I installed a cork floor in my kitchen, and it has worked wonders, looks cute too, plus it is more insulated than pergo/wood or tile


----------



## flatcoatfun (May 29, 2008)

In my last house we ripped out carpet and put in large tiles (so less grout lines) I loved the tile, hated the grout lines since they were always dirty. Solution - use dark grout. No matter what people tell you - you can seal the grout but it will Not help it stay clean with dogs. 

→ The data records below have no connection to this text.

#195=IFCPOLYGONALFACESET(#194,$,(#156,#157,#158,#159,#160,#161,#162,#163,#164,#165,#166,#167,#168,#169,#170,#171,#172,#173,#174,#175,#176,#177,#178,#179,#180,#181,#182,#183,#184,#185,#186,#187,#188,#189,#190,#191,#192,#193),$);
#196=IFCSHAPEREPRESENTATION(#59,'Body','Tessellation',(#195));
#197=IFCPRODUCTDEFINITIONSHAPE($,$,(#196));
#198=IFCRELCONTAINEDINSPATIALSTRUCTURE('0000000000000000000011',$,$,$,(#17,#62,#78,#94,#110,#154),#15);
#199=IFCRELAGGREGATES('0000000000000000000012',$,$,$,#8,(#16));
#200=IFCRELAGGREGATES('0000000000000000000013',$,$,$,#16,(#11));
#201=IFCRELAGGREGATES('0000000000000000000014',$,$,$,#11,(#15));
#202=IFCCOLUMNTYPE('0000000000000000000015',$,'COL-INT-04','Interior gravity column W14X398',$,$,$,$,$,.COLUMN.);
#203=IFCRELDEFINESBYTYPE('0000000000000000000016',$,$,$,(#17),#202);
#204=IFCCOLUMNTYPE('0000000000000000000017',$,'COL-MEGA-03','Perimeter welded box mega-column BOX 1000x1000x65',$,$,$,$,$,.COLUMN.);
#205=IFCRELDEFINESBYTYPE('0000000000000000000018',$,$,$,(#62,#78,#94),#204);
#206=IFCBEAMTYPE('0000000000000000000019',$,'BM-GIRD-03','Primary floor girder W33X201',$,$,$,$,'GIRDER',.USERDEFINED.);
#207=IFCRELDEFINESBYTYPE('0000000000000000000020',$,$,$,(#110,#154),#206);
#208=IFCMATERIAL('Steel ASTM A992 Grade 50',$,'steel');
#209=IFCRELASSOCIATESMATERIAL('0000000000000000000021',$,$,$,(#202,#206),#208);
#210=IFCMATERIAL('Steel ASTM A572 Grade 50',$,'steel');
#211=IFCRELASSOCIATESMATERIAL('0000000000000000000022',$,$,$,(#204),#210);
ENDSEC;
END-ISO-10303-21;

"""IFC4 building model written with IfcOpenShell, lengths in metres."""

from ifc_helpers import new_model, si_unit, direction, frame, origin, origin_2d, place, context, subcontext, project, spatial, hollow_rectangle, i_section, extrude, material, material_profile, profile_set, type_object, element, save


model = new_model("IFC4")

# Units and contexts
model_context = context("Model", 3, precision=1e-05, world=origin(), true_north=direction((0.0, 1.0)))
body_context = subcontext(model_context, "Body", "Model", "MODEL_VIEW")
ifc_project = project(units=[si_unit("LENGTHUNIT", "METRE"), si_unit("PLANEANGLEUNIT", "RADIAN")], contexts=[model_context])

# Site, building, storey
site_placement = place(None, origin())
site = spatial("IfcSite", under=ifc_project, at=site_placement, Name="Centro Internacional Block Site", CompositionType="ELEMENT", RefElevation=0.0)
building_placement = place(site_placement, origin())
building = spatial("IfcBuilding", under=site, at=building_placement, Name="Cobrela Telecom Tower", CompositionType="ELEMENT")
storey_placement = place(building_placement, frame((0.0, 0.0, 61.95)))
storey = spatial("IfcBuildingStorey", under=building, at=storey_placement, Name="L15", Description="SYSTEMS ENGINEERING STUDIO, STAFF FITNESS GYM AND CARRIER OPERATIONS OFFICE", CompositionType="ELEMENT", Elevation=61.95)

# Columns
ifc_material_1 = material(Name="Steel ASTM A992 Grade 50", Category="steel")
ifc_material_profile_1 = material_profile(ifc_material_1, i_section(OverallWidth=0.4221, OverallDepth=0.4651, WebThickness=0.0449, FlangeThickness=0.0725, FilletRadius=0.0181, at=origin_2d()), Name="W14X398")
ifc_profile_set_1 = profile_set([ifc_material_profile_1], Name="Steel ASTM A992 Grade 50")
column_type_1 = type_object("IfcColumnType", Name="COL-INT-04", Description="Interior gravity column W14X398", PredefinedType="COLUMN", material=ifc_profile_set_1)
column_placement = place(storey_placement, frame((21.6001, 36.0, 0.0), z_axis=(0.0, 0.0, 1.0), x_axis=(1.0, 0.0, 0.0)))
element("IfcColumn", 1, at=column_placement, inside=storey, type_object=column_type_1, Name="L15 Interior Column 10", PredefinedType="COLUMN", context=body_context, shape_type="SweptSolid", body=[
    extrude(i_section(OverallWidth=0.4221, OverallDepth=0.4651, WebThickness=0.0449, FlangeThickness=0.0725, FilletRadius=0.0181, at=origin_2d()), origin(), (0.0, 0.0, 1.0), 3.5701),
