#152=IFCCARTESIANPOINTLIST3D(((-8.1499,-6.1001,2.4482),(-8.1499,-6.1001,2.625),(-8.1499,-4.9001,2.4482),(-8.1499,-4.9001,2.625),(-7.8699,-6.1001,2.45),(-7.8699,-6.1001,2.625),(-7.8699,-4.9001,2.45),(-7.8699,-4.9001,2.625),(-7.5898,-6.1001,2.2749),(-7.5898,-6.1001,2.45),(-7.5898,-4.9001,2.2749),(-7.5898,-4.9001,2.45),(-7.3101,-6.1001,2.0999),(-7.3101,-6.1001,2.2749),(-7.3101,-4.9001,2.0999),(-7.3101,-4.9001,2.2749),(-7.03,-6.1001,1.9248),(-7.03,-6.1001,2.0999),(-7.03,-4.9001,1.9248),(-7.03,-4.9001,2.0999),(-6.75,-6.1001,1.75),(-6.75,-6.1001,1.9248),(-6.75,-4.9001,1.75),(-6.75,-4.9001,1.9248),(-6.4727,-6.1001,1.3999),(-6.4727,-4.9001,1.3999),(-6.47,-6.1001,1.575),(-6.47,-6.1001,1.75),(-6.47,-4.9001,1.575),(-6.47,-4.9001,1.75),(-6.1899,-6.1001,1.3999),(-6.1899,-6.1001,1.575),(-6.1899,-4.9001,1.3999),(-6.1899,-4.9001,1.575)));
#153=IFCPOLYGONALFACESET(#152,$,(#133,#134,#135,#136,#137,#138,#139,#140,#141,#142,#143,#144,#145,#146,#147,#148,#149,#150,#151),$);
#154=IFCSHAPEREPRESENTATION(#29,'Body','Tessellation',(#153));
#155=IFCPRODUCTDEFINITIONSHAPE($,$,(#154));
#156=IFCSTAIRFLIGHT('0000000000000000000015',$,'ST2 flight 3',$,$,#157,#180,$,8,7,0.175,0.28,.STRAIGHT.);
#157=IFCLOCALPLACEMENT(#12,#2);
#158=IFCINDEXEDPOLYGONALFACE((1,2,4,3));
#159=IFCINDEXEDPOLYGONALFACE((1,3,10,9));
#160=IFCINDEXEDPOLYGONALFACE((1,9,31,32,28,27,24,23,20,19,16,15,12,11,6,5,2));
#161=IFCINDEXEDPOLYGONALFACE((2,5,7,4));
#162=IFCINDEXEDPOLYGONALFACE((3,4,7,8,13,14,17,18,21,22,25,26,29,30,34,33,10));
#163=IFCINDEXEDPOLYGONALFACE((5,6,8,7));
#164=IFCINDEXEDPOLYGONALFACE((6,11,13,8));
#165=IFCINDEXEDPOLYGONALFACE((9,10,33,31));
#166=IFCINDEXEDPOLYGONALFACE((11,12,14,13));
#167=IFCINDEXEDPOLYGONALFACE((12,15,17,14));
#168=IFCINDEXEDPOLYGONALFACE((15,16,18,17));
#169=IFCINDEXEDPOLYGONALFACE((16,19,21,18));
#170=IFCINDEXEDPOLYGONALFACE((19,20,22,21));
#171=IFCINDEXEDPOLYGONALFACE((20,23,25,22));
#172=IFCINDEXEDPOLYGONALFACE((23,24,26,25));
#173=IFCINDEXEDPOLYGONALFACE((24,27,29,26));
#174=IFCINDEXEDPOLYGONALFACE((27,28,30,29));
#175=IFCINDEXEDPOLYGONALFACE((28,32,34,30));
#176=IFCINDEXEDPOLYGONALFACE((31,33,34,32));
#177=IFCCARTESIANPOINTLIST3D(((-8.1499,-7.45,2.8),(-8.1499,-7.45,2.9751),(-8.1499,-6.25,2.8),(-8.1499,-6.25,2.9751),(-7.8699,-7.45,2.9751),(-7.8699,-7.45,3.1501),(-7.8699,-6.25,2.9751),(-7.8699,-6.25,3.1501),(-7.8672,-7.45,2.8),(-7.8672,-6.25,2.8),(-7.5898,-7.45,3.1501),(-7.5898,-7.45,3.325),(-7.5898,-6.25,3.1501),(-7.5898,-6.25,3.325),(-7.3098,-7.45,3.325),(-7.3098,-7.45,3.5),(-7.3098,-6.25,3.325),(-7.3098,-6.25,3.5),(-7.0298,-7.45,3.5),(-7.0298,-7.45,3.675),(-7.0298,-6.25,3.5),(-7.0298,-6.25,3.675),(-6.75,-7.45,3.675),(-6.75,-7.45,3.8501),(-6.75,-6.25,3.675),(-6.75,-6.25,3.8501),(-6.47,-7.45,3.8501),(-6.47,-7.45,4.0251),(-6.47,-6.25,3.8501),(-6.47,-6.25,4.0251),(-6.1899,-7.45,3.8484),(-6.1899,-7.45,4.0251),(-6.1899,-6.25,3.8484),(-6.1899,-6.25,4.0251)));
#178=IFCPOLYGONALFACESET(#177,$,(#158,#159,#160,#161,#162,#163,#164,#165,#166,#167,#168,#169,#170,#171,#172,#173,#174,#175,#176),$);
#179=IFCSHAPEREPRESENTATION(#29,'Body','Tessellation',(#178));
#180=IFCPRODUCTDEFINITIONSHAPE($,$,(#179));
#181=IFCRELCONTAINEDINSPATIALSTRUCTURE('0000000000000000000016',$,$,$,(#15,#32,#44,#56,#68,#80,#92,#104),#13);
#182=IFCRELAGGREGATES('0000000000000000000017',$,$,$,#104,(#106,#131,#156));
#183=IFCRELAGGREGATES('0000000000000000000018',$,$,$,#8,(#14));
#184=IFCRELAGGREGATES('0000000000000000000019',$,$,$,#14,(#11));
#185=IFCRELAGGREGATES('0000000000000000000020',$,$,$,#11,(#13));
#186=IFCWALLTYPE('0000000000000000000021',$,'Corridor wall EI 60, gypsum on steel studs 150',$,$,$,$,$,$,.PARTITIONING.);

New house - wanted to put down the new tile that looks like wood planks. Need to get the more expensive ones that look more like real wood. You can lay it with very minimal grout lines. We were so excited until we ripped up carpet and saw we have cracks in the concrete foundation. The house is not all that old so is still settling. They have ways to work around this but we just did not want to go to that extra expense and always worry about the tiles cracking. 

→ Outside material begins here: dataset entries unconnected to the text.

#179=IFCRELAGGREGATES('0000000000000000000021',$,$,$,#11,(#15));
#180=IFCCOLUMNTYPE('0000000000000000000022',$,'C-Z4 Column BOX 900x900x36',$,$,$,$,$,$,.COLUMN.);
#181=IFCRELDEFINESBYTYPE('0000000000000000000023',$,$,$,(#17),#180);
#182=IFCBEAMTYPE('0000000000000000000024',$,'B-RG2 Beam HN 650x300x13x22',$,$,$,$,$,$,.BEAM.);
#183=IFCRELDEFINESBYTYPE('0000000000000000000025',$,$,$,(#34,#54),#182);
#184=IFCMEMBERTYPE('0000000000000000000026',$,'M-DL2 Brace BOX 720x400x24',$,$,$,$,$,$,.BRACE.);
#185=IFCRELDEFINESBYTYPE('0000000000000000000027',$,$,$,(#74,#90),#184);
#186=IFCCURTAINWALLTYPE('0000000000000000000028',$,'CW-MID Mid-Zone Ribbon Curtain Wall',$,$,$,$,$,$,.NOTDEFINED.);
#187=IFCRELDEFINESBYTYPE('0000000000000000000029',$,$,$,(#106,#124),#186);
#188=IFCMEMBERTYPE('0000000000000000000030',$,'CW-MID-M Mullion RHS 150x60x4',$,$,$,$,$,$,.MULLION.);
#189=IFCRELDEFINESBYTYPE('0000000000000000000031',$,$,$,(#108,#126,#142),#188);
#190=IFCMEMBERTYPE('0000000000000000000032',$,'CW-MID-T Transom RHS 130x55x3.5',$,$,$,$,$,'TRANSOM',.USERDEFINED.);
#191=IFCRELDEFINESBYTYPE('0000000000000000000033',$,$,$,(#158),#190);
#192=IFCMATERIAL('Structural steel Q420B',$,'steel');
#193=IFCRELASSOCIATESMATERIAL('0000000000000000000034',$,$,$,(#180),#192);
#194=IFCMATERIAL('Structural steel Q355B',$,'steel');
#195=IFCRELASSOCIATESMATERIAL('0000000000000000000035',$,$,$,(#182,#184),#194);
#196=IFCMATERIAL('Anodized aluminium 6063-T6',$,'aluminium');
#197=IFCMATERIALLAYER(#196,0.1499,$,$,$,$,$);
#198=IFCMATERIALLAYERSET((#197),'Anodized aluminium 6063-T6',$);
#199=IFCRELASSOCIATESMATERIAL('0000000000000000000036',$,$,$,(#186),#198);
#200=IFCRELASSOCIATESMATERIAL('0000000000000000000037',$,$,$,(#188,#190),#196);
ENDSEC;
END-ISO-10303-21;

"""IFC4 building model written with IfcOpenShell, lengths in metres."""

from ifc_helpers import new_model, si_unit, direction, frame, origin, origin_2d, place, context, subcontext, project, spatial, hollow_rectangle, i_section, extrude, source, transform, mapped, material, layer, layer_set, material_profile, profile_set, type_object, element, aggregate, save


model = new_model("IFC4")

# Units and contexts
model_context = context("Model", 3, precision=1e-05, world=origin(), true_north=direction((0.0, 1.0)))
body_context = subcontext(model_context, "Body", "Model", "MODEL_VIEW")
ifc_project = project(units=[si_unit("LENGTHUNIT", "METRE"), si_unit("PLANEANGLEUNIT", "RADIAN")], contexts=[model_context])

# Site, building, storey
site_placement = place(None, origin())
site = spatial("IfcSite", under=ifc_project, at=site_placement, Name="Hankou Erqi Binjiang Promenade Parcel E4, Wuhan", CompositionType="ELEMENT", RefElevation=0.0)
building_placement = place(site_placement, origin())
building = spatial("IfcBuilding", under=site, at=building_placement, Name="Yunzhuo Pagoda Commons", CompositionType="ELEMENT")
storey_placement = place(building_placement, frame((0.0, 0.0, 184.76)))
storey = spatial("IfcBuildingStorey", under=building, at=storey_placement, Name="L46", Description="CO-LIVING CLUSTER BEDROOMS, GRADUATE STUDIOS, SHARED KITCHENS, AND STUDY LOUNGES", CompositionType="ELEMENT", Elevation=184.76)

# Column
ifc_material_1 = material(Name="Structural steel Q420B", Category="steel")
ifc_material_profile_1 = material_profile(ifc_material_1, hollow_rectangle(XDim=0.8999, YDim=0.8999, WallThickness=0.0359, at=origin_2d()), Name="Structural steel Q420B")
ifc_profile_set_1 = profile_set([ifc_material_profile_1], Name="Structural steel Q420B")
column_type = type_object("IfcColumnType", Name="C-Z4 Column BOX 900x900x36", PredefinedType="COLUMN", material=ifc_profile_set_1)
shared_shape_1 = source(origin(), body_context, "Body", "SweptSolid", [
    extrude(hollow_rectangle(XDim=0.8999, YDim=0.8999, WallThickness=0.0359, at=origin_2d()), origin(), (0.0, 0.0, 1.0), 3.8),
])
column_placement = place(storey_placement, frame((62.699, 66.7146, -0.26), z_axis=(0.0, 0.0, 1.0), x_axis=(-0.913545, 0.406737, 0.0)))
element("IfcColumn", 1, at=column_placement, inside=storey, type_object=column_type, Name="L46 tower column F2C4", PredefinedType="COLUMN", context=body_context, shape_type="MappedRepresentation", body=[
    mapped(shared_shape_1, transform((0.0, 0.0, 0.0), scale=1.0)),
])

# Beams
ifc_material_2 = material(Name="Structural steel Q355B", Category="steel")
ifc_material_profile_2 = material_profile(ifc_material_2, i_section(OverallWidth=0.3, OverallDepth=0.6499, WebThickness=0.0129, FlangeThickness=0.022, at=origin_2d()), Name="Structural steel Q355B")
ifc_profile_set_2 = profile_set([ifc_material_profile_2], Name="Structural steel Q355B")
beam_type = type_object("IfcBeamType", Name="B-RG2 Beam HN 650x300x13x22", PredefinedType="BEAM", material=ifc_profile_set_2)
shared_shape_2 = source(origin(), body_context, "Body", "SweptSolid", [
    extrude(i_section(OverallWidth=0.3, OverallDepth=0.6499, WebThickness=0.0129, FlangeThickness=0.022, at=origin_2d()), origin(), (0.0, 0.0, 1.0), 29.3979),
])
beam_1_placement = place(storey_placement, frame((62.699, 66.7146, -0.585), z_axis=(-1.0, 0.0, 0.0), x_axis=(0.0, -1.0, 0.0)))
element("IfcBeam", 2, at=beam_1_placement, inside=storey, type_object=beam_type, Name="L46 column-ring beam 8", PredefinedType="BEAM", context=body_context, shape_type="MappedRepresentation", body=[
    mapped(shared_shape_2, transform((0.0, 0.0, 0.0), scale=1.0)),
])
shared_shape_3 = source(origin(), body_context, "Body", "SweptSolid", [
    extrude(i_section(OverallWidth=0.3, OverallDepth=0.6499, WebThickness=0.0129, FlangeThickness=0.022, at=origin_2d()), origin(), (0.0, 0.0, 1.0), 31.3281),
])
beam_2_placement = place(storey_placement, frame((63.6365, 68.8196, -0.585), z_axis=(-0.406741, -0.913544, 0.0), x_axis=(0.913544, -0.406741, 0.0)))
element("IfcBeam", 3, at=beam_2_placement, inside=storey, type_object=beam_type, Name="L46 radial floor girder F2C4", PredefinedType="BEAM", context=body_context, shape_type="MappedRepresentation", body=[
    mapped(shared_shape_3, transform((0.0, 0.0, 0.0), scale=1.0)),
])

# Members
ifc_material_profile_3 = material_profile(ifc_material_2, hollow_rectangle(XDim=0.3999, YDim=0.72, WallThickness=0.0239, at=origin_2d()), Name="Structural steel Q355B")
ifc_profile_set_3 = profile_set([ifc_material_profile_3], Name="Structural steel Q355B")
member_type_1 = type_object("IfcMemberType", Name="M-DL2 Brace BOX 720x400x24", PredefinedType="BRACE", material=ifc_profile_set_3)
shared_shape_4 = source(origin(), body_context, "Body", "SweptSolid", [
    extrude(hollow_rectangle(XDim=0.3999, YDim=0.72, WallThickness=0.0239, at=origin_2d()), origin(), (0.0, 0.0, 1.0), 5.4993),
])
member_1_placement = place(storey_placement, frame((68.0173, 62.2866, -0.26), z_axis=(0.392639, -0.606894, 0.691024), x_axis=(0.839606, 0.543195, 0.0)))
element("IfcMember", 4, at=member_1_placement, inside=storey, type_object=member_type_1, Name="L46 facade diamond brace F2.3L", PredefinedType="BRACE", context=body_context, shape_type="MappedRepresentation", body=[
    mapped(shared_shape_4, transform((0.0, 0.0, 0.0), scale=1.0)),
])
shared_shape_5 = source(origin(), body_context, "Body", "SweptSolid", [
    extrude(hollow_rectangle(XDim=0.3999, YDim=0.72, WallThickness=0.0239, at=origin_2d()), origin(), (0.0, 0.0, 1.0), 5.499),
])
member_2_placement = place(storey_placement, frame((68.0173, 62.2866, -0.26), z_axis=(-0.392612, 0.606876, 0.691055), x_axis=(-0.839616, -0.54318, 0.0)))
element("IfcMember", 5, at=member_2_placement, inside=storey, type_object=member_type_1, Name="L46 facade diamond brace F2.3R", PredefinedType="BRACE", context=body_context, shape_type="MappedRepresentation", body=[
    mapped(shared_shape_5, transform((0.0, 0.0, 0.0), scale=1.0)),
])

So we went with Wilson Art laminate flooring with the beveled edges. Its very nice. It will show spots where the dogs have dribbled, slobbered, tracked dirt in, but clean up is with a microfiber cloth and water - yes water! Its amazing how all the dirt just wipes off. Its stunning when you clean it before the dogs come back inside..... 

Drawbacks - you do have to be careful with a Dyson vac - have to turn the rotating brush off and use the bare floor setting. I thought if the dogs could run laps and I could drop stuff on the floor how could a vac scratch it - it can! I did put one tiny scratch in the floor when I was doing a rug by a door. You do want mats by every door since they say the sand getting ground into the floor by the doorways could damage the floor eventually. 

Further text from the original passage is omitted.